Del rock como estandarte al caos de las salidas: Reflexiones sobre el "nuevo" Lollapalooza Chile

Tras dos años seguidos sin festival por la pandemia del COVID-19, el evento hizo su debut en el Parque Bicentenario de Cerrillos.

Por Bastián García

Lollapalooza Chile cerró su primera edición tras dos años de ausencia por la pandemia del coronavirus. Si bien el festival celebraba una década desde su desembarco en nuestro país, quizás como el cierre de una etapa, las características de la vuelta terminaron funcionando como el inicio de otra. En este tiempo de para hubo cambio de recinto y por primera vez encontraríamos al evento en un nuevo lugar: el Parque Bicentenario de Cerrillos.

La casa

Es inevitable comparar un parque con el otro, pero aunque el Parque O'Higgins -que ya vive solo en nuestros recuerdos, como dice el meme de la anciana sobreviviente de la película "Titanic"- ganaba en metros cuadrados, el Parque Bicentenario de Cerrillos resultó un espacio aceptable para el tránsito de los asistentes. Expedito y sin grandes atochamientos al momento de trasladarse de un escenario a otro o de ocupar las zonas destinadas para el descanso.

Eso sí, si el parque se proyecta para el futuro cercano de Lollapalooza Chile, urge la inclusión de más árboles o áreas con sombra. Evitar en algo la tierra y el polvo puede ser más complicado.

La inevitable oleada urbana local

Inevitable como Thanos en "Endgame", el rap, el trap o cualquier género musical empaquetado como "urbano" es parte del ADN de Lollapalooza de los últimos 8 años cuando en Chicago actuaron Eminem y Outkast como cabezas de cartel. Desde allí pasaron J. Cole, Chance The Rapper o Post Malone -todos como números centrales- junto a un innumerable contingente de la nueva generación como Playboi Carti, Trippie Redd o Migos, solo por nombrar una pequeña porción de aquel catálogo.
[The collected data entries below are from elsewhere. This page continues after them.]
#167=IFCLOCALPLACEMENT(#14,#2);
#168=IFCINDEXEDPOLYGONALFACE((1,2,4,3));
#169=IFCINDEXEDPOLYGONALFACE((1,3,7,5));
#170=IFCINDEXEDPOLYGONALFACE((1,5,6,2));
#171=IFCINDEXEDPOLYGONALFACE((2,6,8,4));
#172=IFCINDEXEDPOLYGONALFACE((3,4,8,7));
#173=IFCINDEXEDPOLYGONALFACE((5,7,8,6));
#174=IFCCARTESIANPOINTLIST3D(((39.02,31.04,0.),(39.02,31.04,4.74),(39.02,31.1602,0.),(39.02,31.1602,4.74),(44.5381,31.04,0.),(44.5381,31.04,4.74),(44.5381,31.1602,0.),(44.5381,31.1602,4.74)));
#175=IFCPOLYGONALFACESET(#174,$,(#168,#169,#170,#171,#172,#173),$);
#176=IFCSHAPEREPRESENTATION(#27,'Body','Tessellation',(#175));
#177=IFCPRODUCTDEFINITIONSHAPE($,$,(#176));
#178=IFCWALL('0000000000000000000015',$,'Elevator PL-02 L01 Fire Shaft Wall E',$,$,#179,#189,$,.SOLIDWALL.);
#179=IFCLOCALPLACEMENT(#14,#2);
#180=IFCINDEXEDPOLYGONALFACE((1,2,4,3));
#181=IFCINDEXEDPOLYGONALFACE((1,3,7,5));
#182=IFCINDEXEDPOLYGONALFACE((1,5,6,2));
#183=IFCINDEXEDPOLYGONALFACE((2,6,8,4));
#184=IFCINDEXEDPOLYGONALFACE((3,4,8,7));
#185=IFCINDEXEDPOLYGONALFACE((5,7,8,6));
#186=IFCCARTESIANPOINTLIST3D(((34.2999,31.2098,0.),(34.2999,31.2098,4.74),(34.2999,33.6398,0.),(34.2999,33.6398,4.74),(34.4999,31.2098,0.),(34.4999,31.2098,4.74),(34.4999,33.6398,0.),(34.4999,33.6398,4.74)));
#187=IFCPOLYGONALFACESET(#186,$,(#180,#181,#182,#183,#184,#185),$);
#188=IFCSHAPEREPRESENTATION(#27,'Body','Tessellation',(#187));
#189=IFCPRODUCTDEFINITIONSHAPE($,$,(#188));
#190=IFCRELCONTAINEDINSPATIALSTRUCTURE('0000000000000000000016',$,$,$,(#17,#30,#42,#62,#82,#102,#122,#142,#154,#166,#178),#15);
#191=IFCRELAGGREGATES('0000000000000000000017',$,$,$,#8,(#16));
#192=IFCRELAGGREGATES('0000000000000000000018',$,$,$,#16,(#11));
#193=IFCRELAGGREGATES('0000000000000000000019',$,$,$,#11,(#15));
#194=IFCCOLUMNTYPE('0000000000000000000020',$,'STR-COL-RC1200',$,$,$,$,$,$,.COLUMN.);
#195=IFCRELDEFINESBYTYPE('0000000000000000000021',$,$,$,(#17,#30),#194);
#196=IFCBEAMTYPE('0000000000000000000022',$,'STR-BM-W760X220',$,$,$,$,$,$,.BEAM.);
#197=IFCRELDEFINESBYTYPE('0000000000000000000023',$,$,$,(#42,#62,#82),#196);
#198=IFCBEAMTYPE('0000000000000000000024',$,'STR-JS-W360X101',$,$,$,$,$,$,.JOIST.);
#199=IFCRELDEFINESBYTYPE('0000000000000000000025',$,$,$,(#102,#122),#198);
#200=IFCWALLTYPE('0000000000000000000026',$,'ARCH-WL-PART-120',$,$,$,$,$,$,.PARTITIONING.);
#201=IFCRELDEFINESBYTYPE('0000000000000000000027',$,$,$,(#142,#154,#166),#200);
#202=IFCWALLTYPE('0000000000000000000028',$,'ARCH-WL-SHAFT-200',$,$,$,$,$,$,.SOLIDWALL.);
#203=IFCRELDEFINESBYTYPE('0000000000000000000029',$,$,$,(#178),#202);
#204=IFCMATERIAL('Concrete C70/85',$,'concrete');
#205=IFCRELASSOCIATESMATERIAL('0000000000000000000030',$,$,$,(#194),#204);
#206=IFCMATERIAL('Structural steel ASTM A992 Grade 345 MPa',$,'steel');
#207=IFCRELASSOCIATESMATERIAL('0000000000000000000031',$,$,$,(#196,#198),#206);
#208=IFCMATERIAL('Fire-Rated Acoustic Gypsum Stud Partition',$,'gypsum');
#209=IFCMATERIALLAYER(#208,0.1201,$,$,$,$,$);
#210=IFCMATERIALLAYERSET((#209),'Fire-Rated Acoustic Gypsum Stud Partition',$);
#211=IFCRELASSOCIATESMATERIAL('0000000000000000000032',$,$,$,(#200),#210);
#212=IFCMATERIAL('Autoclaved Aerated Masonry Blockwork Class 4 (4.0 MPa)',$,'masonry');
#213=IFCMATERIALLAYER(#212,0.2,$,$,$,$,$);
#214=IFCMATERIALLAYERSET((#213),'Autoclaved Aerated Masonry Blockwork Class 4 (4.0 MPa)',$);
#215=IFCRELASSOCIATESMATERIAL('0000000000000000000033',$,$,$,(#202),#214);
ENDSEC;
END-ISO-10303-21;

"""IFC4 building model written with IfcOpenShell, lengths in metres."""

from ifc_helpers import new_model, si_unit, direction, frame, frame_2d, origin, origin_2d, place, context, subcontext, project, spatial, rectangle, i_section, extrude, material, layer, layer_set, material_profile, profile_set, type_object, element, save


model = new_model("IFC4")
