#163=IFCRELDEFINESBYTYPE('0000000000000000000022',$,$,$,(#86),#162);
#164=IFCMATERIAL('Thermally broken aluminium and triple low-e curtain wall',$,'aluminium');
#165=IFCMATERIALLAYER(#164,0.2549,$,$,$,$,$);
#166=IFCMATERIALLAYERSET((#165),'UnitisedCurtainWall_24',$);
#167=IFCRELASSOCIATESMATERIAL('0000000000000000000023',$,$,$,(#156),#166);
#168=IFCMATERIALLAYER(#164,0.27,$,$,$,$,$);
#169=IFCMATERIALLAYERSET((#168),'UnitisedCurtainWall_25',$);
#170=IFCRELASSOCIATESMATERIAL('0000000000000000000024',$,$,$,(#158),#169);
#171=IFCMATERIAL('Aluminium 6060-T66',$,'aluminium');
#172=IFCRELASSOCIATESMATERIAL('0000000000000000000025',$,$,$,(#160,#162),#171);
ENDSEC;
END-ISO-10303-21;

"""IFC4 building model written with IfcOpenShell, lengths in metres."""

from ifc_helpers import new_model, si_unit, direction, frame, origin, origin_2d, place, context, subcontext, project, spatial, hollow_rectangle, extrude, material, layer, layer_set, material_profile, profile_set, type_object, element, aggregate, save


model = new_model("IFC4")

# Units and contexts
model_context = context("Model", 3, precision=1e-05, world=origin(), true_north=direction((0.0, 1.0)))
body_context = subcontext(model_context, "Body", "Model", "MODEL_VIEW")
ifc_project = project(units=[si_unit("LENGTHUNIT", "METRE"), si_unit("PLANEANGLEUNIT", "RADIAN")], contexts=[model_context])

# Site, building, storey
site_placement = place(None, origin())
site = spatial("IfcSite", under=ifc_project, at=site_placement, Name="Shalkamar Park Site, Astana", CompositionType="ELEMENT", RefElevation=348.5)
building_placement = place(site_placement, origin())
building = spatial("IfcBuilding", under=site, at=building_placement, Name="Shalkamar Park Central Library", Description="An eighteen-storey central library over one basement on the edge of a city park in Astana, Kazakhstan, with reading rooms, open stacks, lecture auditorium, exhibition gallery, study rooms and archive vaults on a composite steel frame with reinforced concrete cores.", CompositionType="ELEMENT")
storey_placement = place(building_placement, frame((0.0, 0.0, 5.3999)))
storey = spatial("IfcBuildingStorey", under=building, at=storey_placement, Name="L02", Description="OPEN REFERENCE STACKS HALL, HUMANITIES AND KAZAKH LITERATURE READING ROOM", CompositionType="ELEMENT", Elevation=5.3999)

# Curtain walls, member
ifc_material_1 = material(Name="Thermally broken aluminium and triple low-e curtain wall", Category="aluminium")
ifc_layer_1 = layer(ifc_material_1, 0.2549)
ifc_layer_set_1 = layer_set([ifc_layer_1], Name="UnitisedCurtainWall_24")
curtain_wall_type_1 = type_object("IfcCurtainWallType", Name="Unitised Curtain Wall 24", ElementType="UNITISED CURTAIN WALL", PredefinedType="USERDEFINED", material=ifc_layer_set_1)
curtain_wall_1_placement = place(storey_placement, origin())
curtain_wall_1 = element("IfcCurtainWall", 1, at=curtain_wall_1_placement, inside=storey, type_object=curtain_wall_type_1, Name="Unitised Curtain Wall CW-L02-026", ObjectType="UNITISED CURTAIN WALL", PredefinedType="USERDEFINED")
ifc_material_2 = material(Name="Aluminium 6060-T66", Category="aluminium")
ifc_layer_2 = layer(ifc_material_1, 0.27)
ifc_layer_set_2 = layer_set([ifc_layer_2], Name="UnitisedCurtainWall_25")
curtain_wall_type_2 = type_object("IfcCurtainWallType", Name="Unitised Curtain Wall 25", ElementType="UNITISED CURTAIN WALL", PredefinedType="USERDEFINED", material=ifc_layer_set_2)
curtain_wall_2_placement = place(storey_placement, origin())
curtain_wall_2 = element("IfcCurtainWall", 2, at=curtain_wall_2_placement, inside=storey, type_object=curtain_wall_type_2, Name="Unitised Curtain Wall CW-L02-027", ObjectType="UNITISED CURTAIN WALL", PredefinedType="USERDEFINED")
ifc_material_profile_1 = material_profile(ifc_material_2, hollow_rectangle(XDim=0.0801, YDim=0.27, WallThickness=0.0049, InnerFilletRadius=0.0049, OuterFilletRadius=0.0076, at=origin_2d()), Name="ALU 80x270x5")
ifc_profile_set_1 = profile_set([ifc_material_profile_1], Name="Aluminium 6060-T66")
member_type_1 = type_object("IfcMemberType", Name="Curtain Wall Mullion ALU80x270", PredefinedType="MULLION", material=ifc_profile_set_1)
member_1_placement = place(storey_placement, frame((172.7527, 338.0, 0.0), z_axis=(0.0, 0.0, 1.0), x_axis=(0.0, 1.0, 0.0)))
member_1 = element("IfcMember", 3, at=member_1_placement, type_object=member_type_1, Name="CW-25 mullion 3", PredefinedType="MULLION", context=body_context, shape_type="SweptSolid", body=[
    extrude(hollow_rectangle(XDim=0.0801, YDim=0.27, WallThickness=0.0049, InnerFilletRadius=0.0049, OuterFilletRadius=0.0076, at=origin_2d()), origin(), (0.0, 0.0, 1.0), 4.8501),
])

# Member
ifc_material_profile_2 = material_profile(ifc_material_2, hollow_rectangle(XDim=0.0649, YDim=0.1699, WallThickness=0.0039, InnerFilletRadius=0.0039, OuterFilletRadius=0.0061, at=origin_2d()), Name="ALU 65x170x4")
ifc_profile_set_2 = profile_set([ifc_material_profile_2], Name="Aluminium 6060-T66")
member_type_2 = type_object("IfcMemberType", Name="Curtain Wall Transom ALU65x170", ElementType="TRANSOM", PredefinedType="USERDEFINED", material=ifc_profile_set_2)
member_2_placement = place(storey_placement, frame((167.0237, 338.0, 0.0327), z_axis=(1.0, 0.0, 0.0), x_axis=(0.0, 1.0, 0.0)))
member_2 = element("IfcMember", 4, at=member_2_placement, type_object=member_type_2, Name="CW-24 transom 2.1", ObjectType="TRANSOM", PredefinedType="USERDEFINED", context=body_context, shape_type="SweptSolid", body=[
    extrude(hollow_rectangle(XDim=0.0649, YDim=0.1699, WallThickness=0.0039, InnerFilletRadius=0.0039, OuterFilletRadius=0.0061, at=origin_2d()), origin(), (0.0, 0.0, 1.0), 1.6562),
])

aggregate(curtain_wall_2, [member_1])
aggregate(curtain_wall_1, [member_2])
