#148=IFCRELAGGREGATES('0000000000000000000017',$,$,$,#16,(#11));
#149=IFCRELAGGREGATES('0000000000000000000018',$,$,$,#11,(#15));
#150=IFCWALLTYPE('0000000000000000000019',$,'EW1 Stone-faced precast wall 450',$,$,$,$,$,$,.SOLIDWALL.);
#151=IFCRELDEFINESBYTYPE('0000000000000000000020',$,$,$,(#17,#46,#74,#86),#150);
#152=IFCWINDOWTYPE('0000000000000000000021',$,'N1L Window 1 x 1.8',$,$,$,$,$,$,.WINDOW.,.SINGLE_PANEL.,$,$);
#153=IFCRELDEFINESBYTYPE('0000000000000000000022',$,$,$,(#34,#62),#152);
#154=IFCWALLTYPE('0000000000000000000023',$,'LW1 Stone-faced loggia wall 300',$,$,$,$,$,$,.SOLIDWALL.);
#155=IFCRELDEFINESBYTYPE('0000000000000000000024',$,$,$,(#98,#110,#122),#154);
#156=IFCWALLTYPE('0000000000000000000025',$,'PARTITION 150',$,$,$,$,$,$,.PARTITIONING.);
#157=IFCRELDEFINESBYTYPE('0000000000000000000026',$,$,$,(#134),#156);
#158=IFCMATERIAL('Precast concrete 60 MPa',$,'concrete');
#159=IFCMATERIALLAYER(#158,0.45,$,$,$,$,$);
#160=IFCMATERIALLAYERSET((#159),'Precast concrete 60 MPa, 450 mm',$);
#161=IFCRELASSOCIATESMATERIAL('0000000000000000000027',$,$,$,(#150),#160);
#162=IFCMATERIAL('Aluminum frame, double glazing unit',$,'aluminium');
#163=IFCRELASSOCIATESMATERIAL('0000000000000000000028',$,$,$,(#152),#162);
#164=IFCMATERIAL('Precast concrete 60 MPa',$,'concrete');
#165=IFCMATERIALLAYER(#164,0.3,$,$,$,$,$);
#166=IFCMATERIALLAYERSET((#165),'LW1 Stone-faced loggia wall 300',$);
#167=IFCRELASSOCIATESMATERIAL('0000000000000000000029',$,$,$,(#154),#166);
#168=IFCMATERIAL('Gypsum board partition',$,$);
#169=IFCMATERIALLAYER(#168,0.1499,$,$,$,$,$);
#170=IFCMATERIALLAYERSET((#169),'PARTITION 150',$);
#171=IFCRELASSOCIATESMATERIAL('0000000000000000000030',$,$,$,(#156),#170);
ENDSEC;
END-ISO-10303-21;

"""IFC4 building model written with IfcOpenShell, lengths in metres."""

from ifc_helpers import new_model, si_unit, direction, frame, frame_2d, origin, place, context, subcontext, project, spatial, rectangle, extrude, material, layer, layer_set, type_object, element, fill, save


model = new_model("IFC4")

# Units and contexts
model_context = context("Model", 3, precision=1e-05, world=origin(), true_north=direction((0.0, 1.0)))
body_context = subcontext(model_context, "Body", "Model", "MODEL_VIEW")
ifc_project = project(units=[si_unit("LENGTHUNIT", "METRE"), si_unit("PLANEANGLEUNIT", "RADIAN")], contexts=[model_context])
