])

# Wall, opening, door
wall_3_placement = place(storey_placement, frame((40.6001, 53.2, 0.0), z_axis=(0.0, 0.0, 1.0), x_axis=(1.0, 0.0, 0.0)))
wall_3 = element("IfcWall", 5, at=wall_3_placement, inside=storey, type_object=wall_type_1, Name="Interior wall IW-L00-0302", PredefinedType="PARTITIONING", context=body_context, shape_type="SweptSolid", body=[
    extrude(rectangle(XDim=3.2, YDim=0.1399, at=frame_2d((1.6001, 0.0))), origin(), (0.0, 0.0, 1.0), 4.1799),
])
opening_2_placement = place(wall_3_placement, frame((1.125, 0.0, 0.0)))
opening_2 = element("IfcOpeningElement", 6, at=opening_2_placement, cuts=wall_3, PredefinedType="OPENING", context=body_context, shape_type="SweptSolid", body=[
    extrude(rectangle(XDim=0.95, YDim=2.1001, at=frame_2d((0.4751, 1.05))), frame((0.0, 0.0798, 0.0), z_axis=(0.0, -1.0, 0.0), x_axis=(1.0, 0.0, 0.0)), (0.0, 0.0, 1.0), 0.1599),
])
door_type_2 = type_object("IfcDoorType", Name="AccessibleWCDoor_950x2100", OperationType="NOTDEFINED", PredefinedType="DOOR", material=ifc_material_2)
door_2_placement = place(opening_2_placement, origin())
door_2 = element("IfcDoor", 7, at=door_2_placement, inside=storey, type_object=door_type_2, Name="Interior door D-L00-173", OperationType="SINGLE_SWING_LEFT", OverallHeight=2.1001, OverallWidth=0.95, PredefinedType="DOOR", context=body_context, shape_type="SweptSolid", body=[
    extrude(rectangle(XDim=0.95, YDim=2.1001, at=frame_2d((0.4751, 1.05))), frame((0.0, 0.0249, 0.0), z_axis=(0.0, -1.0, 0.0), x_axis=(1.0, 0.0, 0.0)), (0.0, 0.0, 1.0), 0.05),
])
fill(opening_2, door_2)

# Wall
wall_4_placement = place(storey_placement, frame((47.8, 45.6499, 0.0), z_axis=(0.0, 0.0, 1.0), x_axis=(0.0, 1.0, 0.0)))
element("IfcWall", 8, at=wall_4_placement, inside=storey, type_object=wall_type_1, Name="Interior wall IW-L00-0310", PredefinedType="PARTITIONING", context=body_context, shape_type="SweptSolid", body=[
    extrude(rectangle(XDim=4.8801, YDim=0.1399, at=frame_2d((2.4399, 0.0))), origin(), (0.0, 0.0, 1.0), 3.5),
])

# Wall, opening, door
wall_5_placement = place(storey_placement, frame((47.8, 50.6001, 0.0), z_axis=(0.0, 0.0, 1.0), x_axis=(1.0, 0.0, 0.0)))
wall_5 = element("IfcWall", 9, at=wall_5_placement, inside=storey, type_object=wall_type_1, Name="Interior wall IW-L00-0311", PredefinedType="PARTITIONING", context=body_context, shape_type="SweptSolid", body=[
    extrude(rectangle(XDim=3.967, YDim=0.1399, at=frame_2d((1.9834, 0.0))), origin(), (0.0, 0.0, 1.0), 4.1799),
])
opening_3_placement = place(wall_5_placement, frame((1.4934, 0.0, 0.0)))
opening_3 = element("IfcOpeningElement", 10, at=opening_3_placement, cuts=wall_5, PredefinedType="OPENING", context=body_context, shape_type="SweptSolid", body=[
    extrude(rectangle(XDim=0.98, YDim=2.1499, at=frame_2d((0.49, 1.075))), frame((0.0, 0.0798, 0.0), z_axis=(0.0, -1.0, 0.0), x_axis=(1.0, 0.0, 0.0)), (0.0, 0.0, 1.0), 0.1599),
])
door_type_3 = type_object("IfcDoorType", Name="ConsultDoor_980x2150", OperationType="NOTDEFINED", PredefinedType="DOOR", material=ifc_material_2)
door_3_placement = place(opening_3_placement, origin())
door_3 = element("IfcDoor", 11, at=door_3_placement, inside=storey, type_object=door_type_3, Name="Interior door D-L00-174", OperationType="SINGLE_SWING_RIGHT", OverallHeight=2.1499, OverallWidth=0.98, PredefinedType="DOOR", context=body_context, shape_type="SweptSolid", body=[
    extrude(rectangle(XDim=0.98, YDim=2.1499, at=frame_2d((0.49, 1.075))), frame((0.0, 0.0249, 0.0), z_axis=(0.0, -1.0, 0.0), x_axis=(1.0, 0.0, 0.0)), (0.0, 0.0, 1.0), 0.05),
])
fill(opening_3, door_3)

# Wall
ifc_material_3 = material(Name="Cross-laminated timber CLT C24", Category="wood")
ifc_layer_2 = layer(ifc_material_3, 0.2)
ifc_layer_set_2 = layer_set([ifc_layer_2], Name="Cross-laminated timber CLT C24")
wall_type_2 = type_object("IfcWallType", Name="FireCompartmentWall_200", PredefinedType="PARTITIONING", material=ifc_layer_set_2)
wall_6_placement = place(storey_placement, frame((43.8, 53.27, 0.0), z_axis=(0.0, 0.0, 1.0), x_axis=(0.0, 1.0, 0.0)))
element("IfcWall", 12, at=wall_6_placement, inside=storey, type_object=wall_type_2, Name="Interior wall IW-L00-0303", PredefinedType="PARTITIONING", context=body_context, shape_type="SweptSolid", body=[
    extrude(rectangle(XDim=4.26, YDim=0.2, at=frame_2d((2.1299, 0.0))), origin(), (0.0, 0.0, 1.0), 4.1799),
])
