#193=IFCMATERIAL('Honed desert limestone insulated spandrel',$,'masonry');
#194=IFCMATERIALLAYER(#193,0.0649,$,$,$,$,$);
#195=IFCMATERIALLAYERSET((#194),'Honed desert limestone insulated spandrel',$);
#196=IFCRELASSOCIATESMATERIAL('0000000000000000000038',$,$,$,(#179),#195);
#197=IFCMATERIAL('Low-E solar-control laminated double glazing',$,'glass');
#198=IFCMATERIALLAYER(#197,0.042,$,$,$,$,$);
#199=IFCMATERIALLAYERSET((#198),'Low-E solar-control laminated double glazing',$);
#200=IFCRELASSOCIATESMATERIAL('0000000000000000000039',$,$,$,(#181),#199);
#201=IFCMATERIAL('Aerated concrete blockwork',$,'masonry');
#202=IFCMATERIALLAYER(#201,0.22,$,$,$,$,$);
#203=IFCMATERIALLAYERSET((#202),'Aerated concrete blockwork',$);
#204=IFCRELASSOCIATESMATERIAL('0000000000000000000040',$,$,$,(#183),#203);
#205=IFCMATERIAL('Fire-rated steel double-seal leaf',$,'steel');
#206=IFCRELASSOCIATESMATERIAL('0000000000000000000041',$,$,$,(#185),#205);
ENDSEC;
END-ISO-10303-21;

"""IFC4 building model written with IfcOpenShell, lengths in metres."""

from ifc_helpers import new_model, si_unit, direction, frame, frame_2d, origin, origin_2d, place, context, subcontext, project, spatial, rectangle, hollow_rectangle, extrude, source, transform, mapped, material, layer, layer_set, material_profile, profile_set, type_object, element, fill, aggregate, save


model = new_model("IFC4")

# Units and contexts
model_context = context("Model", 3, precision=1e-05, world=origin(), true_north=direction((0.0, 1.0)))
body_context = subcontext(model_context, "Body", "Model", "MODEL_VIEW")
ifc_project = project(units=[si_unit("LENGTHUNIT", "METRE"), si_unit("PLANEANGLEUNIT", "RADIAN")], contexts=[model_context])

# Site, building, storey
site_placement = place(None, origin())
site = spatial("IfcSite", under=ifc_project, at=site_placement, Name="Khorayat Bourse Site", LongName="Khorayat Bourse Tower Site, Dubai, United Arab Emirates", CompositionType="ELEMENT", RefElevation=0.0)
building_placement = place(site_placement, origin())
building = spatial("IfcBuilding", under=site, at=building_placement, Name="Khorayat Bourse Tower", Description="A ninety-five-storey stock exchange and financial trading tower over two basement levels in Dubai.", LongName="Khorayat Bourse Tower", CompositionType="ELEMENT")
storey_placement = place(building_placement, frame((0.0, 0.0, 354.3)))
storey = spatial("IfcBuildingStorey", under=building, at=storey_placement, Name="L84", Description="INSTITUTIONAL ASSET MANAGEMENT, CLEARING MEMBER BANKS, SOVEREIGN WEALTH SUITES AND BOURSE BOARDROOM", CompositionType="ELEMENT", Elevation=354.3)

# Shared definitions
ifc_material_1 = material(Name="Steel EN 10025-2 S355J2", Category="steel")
Esa última camada tiene interpretación propia y local en Chile (también en Argentina). De ella se desprenden los Pablo Chill-e, los Marcianeke, los Polimá Westcoast o las Princesa Alba, varios de ellos, incluso, más multitudinarios que shows internacionales de mitad de lineup. Hay que aprender a convivir con ellos porque en sus nombres hay potencial de ídolos generacionales.

El rock vuelve a estar bien aspectado

Siempre hay quejas sobre la falta de guitarras en Lollapalooza Chile, sobre todo durante los últimos años donde hemos visto las guitarras en retroceso tanto en cantidad como en relevancia. Este 2022, tener a Foo Fighters y The Strokes como dos de los tres cabezas de cartel podría considerarse como una declaración de intenciones.

Independiente de esos nombres, la altura de los shows de Idles o Turnstile, más la participación de Alexisonfire y A Day to Remember, aseguraron calidad y fiabilidad. Y eso que en el camino se cayó Jane's Addiction, King Gizzard y Phoebe Bridgers.

La salida

Definitivamente la nota roja de la edición 2022 de Lollapalooza Chile. La estación de Metro Cerrillos colapsó las tres noches de festival. También la esquina de avenida Departamental con Pedro Aguirre Cerda. Este domingo, por ejemplo, ya había fila para entrar al tren subterráneo cuando al show de The Strokes le quedaban todavía largos minutos para el cierre. Y el embotellamiento que se genera en la pequeña reja de entrada para bajar por unas largas escaleras hasta las boleterías es potencialmente peligroso para la integridad física de los asistentes.

En lo que no respecta a la música, es el punto a mejorar para el ya confirmado festival en 2023.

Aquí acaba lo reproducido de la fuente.